Profeti: recensione del nuovo film di Alessio Cremonini

In Profeti Alessio Cremonini racconta il confronto tra due donne agli antipodi, Sara, una giornalista italiana rapita dall'Isis, e Nur, una foreign fighter sposata a un miliziano.

Prigionia, diritti delle donne, Medio Oriente, religione, scontro di civiltà: Alessio Cremonini (Sulla mia pelle) in Profeti racconta tutto questo, e lo fa con una storia che vede il confronto tra due donne interpretate da Jasmine Trinca e Isabella Nefar. Il film, scritto dal regista con Monica Zappelli e con la consulenza di Susan Dabbous, arriva in sala il 26 gennaio 2023, prodotto da Cinemaundici e Lucky Red con Rai Cinema, in collaborazione con Sky Cinema.

Sara (Jasmine Trinca) è una giornalista italiana che si trova in Medio Oriente per raccontare la guerra dello Stato Islamico. Un giorno viene rapita dall’Isis e per i miliziani quanto donna, essere inferiore, senza dignità se non sottomessa al maschio, non può stare in una prigione dove sono presenti anche degli uomini, e per questo motivo viene data in custodia a Nur (Isabella Nefar), una foreign fighter radicalizzata a Londra che ha sposato un miliziano e ora vive nel Califfato. Nella casa di Nur, una prigione per Sara, nel mezzo di un campo di addestramento le due donne avranno un lungo confronto durante il quale Nur tenterà di convertire Sara.
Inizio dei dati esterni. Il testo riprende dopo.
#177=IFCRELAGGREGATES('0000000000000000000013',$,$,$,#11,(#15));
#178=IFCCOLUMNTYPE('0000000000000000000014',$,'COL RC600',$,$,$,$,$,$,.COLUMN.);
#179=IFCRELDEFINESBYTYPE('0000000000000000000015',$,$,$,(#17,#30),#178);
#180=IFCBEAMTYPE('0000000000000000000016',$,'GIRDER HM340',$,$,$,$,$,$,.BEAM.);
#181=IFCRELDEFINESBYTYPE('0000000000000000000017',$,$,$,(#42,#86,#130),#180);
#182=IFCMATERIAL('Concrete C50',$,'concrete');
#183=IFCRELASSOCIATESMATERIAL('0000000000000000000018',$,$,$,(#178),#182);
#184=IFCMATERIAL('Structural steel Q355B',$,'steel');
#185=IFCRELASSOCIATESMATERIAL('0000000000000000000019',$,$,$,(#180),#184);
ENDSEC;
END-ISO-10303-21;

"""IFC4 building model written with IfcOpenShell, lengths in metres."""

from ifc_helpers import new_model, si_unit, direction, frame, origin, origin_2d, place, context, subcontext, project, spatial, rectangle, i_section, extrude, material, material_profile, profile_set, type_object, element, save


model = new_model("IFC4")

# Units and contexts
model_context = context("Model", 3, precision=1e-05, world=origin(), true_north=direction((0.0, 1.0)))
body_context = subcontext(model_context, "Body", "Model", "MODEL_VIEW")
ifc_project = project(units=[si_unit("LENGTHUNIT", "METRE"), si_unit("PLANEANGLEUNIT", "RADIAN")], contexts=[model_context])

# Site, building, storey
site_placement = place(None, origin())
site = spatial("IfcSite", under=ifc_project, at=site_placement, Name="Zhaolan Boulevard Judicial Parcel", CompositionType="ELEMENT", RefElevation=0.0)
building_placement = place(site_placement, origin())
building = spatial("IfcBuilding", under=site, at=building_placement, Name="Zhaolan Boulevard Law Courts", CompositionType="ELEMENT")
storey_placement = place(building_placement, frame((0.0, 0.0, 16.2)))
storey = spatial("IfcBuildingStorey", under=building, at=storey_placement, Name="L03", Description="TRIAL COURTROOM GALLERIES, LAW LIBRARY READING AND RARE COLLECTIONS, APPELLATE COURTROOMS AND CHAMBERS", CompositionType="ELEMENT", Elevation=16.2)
Profeti – Un film sull’assenza

Profeti, cinematographe.it
Isabella Nefar e Jasmine Trinca

Il regista Alessio Cremonini ha definito Profeti un film sull’assenza, una parola che si può riferire a diversi aspetti di quest’opera che arriva dopo il suo toccante e importante film Sulla mia pelle, su Stefano Cucchi. Assenza di Dio, cristiano o musulmano non cambia, dove le bombe sono all’ordine del giorno e la vita umana conta poco, assenza della donna come essere umano, che deve abbassare sempre lo sguardo di fronte a un uomo, che deve vivere reclusa in casa o che deve nascondersi sotto una coperta come è costretta a fare Sara di fronte ai suoi rapitori, sparire, annullarsi, diventare un oggetto buttato sul pavimento. È forse l’immagine emotivamente più potente del film, quella che ci restituisce una dimensione per noi occidentali inconcepibile ma all’ordine del giorno nei paesi del Medio Oriente, come vediamo dalla cronaca recente in Iran dove le donne protestano e muoiono per non abbassare più la testa. “Una donna non deve mai dare scandalo anche se è occidentale”, dice un miliziano “dall’alto” del suo essere uomo, mentalità non così lontana da quella di certi occidentali, dalla quale, quindi, nessuna donna può sentirsi al sicuro.

Il confronto tra le due protagoniste, Sara e Nur, diventa quello tra due civiltà, tra due diversi modi di essere donna: una indipendente, con il lavoro al centro di tutto e senza un dio in cui credere, l’altra che ha come unica ragione di vita Allah, sposa di un miliziano, sottomessa alla fede e agli uomini. Ma il film non vuole dare un giudizio, lascia parlare le due donne anche attraverso lunghi e densi silenzi: si scrutano, si giudicano, si scontrano. “Gli uomini fanno la storia”, dice Nur, “Troppo”, risponde Sara in un faccia a faccia che non dà tregua durante tutta la visione del film. La prigionia permette a Sara di scandagliare un universo emotivo a lei sconosciuto, una diversa dimensione di essere donna e di libertà, finendo forse per subirne il fascino. Sara, come lo spettatore, cerca di comprendere le ragioni di Nur, che dopo una vita senza appartenenza trova nell’Islam la sua “casa”, e anche se all’inizio le sembra inconcepibile viene gradualmente coinvolta nel suo credo: sindrome di Stoccolma o vera conversione?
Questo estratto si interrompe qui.